Google has officially confirmed they have begun rolling out the intrusive mobile interstitial penalty yesterday. Google warned us that this was coming almost a half-a-year ago and it did start rolling out on January 10, 2017 – as Google promised.
Google’s John Mueller and Gary Illyes confirmed the penalty began rolling out yesterday.
This penalty only impacts intrusive interstitials that happen directly after going from a Google mobile search result, to a specific page. It does not impact or penalize pages after that, so if you have a intrusive interstitial that comes up later in the click path on your web site, this won’t impact it – it only looks for the intrusive interstitial after the click from the Google search results page.
Google said this targets “pages where content is not easily accessible to a user on the transition from the mobile search results may not rank as highly.”
Google explained which types of interstitials are going to be problematic, including:
- Showing a popup that covers the main content, either immediately after the user navigates to a page from the search results, or while they are looking through the page.
- Displaying a standalone interstitial that the user has to dismiss before accessing the main content.
- Using a layout where the above-the-fold portion of the page appears similar to a standalone interstitial, but the original content has been inlined underneath the fold.
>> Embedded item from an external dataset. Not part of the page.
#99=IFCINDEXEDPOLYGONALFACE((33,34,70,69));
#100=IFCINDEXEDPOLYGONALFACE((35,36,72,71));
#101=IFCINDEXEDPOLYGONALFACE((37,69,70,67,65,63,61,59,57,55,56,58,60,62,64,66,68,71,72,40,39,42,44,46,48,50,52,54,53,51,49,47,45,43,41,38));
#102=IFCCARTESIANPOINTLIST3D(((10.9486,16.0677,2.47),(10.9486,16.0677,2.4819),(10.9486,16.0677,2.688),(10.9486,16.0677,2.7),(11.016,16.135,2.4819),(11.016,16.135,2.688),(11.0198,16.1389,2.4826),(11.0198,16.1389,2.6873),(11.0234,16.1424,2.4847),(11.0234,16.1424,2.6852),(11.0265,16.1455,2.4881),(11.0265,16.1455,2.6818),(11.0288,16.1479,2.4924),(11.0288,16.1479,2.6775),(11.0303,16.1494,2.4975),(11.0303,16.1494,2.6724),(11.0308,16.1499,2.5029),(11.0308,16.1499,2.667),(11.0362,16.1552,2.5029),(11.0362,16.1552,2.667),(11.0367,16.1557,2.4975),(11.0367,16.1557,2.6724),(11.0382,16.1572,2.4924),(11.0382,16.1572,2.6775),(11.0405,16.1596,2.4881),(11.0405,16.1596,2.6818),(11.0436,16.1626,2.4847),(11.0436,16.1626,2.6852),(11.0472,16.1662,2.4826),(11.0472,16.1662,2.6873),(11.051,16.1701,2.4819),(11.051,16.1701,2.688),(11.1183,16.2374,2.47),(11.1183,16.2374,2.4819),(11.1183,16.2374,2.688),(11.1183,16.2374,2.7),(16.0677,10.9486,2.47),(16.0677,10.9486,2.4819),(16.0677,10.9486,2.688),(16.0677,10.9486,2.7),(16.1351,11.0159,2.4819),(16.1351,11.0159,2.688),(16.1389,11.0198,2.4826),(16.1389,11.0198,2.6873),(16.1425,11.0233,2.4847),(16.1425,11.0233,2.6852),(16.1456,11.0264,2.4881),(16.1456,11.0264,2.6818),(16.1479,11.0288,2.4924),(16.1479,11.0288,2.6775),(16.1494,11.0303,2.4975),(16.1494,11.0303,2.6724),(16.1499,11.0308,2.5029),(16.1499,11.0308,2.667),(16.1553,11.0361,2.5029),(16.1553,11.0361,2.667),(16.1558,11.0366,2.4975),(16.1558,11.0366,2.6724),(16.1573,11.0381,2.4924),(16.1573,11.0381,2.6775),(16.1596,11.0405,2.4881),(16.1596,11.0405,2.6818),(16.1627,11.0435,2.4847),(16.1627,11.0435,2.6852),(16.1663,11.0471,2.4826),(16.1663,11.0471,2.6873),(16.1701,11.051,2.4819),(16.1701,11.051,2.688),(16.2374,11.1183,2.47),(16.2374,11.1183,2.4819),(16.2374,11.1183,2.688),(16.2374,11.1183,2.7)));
Here is a diagram from Google to convey the above points:
Google listed three types of interstitials that “would not be affected by the new signal” if “used responsibly.” Those types are:
- Interstitials that appear to be in response to a legal obligation, such as for cookie usage or for age verification.
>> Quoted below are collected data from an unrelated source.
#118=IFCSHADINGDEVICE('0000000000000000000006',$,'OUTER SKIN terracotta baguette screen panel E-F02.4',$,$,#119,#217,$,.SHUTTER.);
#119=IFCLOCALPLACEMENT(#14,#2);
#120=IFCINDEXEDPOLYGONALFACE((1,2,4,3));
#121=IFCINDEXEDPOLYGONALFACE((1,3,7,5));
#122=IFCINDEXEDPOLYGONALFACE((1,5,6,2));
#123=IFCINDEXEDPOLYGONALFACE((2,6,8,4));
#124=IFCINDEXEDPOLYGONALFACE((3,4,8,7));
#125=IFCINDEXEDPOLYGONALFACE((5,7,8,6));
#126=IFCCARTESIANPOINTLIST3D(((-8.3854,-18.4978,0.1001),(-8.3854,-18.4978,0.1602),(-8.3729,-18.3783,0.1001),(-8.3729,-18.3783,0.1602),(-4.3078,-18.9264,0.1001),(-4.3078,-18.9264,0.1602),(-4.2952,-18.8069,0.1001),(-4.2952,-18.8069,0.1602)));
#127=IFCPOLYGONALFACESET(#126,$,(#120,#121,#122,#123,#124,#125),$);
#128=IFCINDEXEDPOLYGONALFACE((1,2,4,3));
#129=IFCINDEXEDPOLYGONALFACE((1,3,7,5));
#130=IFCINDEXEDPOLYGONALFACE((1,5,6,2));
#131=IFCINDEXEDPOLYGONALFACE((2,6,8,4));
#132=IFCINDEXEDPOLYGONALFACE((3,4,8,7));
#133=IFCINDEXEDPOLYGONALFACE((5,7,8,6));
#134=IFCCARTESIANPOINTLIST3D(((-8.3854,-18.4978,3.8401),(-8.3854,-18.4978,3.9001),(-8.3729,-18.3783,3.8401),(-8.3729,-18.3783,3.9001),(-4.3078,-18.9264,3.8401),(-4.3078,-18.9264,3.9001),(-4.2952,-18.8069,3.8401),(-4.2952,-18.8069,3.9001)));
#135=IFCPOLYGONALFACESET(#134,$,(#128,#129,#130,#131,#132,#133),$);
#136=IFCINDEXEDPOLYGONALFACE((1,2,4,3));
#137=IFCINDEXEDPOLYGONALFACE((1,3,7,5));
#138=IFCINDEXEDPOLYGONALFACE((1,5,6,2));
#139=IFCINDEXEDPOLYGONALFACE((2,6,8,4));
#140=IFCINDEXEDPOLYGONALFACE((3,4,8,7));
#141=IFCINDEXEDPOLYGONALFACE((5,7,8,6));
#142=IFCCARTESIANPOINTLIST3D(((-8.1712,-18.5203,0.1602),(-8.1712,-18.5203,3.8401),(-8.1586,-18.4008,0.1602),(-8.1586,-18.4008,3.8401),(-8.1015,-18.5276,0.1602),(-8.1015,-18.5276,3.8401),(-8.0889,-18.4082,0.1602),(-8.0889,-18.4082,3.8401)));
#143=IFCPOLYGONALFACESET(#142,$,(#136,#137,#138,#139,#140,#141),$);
- Login dialogs on sites where content is not publicly indexable. For example, this would include private content such as email or unindexable content that is behind a paywall.
- Banners that use a reasonable amount of screen space and are easily dismissible. For example, the app install banners provided by Safari and Chrome are examples of banners that use a reasonable amount of screen space.
Here is a diagram from Google to convey the above points:
We have yet to hear of webmasters complaining about being hit by this penalty but as things change, we will let you know.